機関紙コラムより 「21世紀の姥捨山」か?!

 「21世紀の姥捨(うばすて)山」だと思った。4日に民間有識者でつくる「日本創成会議(座長・増田寛也元総務相)」が首都圏から北海道など地方への高齢者の移住を進める提言を発表した。2015年には東京と周辺の3県で高齢化が進み、介護施設などが約13万人分不足するから、地方に移住せよというものだ▼日本創成会議は昨年、全国で896の市区町村が人口減少によって消滅する「消極可能性都市」を発表した。今度は、介護の必要な高齢者を地方に送り出せと言っている▼しかし、現状の数字をもとにシュミレーションしているだけの提言に意味はあるのか。

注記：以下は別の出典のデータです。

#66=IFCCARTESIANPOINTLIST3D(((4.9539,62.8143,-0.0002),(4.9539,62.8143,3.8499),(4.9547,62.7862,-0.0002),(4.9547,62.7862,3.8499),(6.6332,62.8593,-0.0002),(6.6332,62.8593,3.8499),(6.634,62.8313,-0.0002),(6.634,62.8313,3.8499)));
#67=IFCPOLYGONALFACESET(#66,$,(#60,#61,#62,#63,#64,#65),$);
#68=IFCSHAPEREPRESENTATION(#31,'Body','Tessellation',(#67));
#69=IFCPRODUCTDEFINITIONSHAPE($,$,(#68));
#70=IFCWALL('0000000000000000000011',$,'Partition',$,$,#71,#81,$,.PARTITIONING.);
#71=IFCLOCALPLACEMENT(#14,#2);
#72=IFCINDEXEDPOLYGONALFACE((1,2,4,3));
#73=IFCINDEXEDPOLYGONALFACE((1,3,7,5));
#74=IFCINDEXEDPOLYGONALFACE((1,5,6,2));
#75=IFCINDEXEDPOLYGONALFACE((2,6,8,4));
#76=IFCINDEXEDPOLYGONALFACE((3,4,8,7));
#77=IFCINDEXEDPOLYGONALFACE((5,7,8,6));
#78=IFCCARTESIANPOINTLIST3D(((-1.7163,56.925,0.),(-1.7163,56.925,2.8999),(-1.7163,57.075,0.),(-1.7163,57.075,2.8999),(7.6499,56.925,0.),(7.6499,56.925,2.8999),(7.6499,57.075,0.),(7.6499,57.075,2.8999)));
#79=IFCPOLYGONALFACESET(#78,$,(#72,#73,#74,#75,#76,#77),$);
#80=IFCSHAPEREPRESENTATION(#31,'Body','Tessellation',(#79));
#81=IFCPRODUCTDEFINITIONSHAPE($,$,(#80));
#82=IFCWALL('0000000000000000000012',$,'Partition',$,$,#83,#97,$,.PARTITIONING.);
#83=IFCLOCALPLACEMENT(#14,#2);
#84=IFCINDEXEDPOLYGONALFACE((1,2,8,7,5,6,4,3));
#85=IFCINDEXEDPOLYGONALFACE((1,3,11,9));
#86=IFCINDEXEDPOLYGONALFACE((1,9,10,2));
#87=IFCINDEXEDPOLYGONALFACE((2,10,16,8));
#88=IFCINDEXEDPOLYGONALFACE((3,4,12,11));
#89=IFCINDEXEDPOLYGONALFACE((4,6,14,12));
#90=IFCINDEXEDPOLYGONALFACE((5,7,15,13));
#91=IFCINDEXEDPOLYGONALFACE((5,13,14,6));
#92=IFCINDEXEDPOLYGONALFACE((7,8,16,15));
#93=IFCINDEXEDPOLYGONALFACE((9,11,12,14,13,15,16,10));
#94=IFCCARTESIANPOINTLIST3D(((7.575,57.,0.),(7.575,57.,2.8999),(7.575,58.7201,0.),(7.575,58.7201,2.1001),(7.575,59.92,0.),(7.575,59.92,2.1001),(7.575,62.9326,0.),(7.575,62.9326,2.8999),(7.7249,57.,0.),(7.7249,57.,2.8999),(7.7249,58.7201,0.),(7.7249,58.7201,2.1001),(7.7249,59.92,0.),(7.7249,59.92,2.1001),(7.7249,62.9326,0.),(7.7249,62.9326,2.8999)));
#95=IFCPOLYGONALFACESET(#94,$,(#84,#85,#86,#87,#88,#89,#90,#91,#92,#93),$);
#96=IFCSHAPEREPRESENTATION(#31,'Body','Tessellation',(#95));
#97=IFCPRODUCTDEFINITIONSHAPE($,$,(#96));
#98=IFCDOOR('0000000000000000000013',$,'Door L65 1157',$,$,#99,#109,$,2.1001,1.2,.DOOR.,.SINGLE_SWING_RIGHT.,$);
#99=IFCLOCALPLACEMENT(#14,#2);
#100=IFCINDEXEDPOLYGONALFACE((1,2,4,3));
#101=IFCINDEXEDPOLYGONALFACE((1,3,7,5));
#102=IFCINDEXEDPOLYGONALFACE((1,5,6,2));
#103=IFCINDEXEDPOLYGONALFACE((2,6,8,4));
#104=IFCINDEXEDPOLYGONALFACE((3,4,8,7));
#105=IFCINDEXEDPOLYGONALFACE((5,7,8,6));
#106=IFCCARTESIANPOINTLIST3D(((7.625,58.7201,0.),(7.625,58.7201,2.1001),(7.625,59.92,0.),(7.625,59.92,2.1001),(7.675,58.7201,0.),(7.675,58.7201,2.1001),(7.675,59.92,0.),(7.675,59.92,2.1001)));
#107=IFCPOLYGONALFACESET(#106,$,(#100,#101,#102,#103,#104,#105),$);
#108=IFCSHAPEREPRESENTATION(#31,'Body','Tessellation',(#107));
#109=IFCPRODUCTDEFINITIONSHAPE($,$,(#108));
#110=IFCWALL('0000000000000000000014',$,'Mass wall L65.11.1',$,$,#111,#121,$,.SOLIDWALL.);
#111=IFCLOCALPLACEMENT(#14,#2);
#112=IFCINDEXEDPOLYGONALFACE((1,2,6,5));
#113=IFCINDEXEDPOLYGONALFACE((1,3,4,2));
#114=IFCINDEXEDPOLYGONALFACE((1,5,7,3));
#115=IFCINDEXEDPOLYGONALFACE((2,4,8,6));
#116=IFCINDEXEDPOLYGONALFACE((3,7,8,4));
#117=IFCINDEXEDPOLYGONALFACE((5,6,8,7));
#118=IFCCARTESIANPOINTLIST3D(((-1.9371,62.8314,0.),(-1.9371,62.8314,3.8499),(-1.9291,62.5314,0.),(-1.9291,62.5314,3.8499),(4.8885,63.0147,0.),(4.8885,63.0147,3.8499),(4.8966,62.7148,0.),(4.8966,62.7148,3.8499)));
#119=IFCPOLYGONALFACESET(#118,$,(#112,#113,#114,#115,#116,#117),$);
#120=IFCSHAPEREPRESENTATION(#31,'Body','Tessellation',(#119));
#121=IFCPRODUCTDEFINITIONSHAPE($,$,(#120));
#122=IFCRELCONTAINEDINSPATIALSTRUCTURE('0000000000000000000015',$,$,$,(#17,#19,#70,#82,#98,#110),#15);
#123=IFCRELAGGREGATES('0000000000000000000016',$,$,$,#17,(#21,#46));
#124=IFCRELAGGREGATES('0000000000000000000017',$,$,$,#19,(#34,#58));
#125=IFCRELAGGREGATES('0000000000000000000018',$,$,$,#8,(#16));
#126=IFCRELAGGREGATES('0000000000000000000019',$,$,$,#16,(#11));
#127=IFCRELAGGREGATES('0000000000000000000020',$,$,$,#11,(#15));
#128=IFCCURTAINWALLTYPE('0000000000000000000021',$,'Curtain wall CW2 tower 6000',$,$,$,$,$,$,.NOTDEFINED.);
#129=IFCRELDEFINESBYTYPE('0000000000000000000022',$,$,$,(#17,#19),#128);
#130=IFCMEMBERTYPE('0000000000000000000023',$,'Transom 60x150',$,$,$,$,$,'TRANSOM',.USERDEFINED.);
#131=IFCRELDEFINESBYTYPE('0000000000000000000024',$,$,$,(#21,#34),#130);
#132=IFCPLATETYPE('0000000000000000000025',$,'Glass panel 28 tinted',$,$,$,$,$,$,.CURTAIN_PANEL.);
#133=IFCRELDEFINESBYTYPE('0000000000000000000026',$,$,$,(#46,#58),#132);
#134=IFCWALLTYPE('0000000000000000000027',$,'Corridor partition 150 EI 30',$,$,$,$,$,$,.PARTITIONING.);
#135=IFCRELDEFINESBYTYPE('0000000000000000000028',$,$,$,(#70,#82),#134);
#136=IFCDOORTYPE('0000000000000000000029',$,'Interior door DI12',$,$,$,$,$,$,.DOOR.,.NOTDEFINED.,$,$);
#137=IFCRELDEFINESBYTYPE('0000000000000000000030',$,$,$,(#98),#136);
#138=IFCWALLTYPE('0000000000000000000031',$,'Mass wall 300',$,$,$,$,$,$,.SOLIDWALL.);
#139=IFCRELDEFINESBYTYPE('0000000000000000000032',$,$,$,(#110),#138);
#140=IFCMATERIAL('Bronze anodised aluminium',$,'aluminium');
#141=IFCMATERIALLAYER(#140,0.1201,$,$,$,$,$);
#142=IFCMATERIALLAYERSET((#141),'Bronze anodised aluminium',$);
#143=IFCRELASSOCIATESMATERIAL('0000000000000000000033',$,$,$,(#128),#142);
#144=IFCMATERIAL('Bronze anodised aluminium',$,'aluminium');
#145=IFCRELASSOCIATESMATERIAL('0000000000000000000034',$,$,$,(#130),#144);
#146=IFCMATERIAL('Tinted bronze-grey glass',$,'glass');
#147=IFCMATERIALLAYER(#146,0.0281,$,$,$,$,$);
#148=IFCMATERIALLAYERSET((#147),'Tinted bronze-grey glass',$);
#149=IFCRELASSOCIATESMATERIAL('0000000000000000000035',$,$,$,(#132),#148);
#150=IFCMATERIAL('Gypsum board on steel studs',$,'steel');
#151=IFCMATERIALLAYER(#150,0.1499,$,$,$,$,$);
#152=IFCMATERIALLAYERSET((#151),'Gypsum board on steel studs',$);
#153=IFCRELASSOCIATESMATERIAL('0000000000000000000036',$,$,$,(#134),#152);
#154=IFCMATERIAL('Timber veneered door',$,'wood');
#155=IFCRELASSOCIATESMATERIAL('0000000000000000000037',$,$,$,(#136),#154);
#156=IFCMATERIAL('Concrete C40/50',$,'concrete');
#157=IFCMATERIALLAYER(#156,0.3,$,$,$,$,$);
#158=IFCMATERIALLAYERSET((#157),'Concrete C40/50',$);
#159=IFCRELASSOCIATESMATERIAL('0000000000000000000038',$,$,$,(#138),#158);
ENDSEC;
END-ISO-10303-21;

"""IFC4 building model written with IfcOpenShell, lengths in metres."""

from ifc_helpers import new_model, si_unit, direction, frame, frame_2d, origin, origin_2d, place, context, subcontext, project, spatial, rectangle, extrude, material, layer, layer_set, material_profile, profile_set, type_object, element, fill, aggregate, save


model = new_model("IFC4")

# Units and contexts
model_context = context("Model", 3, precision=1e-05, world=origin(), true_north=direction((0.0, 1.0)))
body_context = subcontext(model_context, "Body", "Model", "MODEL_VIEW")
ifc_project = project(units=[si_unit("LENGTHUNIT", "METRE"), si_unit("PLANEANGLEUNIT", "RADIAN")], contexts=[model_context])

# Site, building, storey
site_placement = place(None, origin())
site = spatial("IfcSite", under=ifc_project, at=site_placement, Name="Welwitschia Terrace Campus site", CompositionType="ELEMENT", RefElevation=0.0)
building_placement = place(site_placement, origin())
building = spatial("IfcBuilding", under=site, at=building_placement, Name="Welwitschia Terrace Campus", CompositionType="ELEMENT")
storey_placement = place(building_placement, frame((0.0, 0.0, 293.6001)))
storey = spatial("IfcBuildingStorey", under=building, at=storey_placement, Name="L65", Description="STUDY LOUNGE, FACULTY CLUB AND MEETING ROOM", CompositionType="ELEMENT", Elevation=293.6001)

人口減少の原因である、地方に仕事が少ないことや労働環境が厳しくて子どもを産めない問題の解決策、高齢者が住みなれた土地で暮らすための政策を提言してこそ、有識者ではないのか、と思う▼問題は、政府が地方創生戦略で新型交付金を使って高齢者の移住策を打ち出そうとしていることだ。石破地方創生相はすでに「高齢者の地方住み替えを促進する」と発言し、16年度からモデル事業も始めるとしている。実際に、東京の高齢者が北海道に移住し介護施設に入ったら、その家族は東京から面会に行くことができるだろうか。具合が悪い時にすぐに駆けつけることができるだろうか。現実的とは思えない提言に、家族を介護した経験のある者として悲しくなってしまった。